Definitions of the different fraud types and related terminology are available on this website.

EAST Publishes European Fraud Update 1-2016

EAST - EUROPEAN FRAUD UPDATE 1 - 2016EAST has just published its first European Fraud Update for 2016. This is based on country crime updates given by representatives of 19 countries in the Single Euro Payments Area (SEPA), and 4 non-SEPA countries, at the 38th EAST meeting held in Stockholm on 10th February 2016

Card skimming at ATMs was reported by twenty countries. Criminal usage of M2 – Throat Inlay Skimming Devices appears to be increasing. This type of device is placed inside the card reader throat in front of the shutter. Three countries reported such attacks.

The trend of losses due to skimming occurring outside of EMV Chip liability shift areas continues. International losses were reported in 44 countries and territories outside of the Single Euro Payments Area (SEPA) and in 3 within SEPA. The top three locations where such losses were reported remain the USA, Indonesia and the Philippines.

Skimming attacks on other terminal types were reported by twelve countries and seven countries reported such attacks on unattended payment terminals (UPTs) at petrol stations.

Fifteen countries reported cash trapping attacks and five countries reported transaction reversal fraud (TRF) incidents.

ATM malware and logical security attacks were reported by three countries – two of them reported the successful usage of ‘black-box’ devices to allow the unauthorised dispensing of cash.
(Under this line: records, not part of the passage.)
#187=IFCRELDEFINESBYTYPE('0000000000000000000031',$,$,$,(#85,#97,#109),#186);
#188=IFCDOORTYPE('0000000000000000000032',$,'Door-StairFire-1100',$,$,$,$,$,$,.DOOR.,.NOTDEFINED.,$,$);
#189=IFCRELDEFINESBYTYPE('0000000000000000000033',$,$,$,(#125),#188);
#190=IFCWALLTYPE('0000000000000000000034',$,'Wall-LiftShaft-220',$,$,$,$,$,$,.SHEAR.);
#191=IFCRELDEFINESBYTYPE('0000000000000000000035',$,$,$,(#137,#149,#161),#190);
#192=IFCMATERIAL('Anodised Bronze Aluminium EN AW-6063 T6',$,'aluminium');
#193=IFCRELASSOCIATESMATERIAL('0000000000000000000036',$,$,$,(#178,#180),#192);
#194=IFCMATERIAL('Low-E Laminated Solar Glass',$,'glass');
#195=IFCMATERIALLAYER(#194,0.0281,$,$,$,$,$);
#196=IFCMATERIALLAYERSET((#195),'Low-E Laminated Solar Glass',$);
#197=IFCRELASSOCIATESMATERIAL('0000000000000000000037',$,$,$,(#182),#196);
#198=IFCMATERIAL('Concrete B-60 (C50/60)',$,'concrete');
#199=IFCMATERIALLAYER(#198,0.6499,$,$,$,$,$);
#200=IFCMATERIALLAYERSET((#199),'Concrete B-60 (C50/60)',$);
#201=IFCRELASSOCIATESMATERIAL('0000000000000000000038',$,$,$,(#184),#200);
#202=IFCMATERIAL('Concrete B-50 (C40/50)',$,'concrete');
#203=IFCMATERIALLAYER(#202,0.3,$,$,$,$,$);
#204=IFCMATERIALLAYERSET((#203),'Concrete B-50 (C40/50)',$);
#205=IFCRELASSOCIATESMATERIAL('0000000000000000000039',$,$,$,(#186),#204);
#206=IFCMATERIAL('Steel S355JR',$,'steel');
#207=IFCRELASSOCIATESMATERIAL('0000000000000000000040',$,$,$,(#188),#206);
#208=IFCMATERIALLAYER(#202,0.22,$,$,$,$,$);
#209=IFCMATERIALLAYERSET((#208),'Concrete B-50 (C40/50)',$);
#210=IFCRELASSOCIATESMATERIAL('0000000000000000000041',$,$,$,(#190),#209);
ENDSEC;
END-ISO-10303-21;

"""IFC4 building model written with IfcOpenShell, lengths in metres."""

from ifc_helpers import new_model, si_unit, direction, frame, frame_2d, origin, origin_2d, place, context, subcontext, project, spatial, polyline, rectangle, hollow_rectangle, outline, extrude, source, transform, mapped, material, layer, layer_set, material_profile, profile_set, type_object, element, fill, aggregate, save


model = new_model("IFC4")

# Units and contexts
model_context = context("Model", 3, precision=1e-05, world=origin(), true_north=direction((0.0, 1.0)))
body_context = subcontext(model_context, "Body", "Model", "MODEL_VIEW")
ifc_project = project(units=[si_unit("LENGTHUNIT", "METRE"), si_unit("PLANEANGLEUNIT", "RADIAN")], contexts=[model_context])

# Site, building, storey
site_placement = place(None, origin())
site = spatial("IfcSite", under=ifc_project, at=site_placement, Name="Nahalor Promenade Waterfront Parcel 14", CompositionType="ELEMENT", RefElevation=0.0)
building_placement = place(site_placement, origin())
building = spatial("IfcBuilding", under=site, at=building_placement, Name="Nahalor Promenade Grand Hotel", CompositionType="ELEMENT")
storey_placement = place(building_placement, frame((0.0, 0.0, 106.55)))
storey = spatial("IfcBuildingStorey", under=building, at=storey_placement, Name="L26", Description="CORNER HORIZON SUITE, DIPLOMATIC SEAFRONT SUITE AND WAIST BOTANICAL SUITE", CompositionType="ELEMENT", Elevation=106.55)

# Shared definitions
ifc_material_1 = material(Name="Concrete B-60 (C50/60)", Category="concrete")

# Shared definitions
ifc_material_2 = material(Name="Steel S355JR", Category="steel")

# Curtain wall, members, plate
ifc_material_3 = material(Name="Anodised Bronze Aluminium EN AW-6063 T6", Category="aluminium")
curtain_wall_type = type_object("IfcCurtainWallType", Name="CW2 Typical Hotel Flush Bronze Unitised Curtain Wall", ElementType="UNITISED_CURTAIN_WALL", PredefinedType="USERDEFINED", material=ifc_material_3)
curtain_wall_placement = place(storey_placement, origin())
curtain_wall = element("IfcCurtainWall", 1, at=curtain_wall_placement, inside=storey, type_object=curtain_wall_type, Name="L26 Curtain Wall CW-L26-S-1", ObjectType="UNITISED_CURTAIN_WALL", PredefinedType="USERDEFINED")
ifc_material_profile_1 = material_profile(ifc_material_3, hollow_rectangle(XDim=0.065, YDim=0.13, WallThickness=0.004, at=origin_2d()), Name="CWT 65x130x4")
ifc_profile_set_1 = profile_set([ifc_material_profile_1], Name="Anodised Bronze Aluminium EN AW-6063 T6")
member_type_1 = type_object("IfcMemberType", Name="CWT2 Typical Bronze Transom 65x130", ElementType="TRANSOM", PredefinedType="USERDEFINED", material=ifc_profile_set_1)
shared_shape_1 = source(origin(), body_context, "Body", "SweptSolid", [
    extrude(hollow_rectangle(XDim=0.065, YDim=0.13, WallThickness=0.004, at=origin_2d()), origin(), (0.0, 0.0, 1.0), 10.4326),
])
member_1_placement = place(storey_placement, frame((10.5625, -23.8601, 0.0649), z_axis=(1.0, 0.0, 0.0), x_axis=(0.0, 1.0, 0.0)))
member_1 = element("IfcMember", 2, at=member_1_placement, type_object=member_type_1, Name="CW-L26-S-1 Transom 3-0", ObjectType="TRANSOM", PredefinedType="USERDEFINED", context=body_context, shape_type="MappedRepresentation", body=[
Ram raids and ATM burglary were reported by ten countries and ten countries also reported explosive gas attacks, one of them for the first time. One country reported the use of explosive liquid (nitro-glycerine) to blow open an ATM safe – the first time that this has been reported to EAST.

The full Fraud Update is available to EAST Members (National and Associate) and Subscribers.